Sunday at 25 FPS

As we wait for tonight’s award ceremony, let’s cosy in just a bit longer at the MM Centre and SC Cinema and enjoy the poetic reflections on darkness and alienation.

Our guest speaker Daïchi Saïto uses darkness as an element of difference which engulfs the scenes of physical landscapes in undulating surges before we are able to discern them fully or at all. At the same time, darkness gives them texture, a place where their formal attributes surface – colours, forms and relations between elements in space. Saïto Engram of Returning evokes scenes instead of showing them, imitating our mental process of recalling memories. Of his poetics and aesthetics the author will speak at the lecture Spaces Between Images at 3pm at the MM Centre. After the award ceremony and screening of award-winning film, at 20pm Engram of Returning will rumble across the SC Cinema, with musical accompaniment from the Canadian saxophonist Jason Sharp.

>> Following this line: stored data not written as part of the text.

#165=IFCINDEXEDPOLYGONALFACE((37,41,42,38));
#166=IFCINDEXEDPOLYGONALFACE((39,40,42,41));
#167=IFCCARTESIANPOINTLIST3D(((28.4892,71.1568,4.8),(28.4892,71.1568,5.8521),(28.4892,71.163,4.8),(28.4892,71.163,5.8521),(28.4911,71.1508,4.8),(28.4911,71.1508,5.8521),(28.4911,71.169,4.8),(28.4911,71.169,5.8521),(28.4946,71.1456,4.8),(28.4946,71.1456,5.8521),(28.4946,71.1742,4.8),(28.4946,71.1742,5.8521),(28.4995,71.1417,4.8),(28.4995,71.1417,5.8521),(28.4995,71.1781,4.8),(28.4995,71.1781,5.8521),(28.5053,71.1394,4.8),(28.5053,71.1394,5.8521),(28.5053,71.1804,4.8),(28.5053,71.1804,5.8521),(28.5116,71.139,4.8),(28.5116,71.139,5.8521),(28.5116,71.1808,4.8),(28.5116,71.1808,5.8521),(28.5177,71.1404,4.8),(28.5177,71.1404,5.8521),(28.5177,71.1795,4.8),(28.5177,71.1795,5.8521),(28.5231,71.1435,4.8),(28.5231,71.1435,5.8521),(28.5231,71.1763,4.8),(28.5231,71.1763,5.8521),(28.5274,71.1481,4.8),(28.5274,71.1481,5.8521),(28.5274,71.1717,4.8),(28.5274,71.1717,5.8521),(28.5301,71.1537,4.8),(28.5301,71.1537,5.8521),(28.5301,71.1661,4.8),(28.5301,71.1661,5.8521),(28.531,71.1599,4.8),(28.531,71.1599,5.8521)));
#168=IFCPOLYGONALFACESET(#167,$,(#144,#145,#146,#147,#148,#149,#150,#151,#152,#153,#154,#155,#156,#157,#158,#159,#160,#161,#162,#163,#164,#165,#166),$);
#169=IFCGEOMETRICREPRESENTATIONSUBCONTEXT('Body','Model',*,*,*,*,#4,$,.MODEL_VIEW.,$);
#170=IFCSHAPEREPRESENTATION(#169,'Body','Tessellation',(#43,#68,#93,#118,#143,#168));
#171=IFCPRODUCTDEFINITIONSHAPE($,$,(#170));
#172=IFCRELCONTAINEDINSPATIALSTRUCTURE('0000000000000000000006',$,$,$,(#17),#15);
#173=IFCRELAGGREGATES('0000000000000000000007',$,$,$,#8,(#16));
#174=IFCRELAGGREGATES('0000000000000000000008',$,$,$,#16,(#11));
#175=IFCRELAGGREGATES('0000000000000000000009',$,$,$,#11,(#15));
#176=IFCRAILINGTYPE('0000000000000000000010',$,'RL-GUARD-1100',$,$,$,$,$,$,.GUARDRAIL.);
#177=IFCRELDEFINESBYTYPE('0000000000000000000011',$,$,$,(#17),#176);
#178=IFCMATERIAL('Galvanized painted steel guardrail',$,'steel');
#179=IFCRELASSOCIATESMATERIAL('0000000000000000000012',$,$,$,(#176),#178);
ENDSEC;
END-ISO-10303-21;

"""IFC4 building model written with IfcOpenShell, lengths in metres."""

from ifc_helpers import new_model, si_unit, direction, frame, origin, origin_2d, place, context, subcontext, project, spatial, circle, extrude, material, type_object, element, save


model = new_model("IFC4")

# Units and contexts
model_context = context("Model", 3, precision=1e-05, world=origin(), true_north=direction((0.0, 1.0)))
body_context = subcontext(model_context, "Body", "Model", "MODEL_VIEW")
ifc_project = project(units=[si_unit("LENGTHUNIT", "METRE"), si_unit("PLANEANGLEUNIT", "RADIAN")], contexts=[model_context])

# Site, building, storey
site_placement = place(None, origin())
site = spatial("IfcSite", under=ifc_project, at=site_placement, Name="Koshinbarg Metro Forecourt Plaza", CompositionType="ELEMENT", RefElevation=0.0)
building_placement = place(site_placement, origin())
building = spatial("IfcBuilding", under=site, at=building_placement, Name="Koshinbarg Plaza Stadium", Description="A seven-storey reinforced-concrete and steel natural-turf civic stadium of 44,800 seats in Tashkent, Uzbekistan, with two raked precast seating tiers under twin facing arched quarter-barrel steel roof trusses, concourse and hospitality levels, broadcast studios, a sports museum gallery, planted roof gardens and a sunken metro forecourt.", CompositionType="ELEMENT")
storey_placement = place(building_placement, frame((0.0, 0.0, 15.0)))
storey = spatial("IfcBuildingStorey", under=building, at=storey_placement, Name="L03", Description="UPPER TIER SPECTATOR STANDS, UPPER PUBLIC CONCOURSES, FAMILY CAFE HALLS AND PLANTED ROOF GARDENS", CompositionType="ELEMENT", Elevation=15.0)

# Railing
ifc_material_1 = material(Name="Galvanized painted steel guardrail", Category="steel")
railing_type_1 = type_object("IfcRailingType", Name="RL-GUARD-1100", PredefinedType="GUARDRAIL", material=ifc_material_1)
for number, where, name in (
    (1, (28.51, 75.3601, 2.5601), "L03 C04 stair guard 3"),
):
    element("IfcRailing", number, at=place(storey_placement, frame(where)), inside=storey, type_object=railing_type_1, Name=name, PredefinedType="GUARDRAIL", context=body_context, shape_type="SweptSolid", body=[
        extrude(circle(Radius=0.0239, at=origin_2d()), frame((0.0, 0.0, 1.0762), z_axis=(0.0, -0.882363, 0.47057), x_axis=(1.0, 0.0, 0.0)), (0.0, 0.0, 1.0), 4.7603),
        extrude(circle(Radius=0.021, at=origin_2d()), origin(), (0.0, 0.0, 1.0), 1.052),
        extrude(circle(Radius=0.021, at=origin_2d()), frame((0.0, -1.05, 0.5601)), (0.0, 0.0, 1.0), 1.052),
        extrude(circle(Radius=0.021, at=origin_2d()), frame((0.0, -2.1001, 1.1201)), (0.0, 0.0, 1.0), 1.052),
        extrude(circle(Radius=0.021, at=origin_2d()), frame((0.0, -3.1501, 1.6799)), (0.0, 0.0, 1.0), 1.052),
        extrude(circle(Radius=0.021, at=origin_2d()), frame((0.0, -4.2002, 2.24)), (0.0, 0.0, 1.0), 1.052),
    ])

Our third Jury's Choice program presents Dane Komljen and his long feature debut All the Cities of the North. Since our last encounter (Surplus of Wind, 2014), Dane has expanded his vision to the feature length. The film, despite its globetrotting pedigree, focuses the narrative on a specific geographic location, an abandoned hotel resort on the border between Montenegro and Albania. An imposing, today forgotten dream of Yugoslav modernism, seen from above seems ‘like a constellation’ while on the ground its rigorous architecture is overgrown with vegetation. To Komljen’s lonely protagonists, the ruins are much more than a symbol of failed dreams and crumbling times. They are the place that connects people, a point of utopian reflection on ‘the new social order’ build on ‘garbage and surplus’; a shared space where people can be alone. Join the conversation with Komljen and Davor Konjikušić right after the screening. 

We are closing Kino SC with the third performance by Bruce McClureCompliments Are Made Darkest by Daylight, title of this site-specific projector performance, evokes perceptive bursts in the comforting drone of the vast cinema.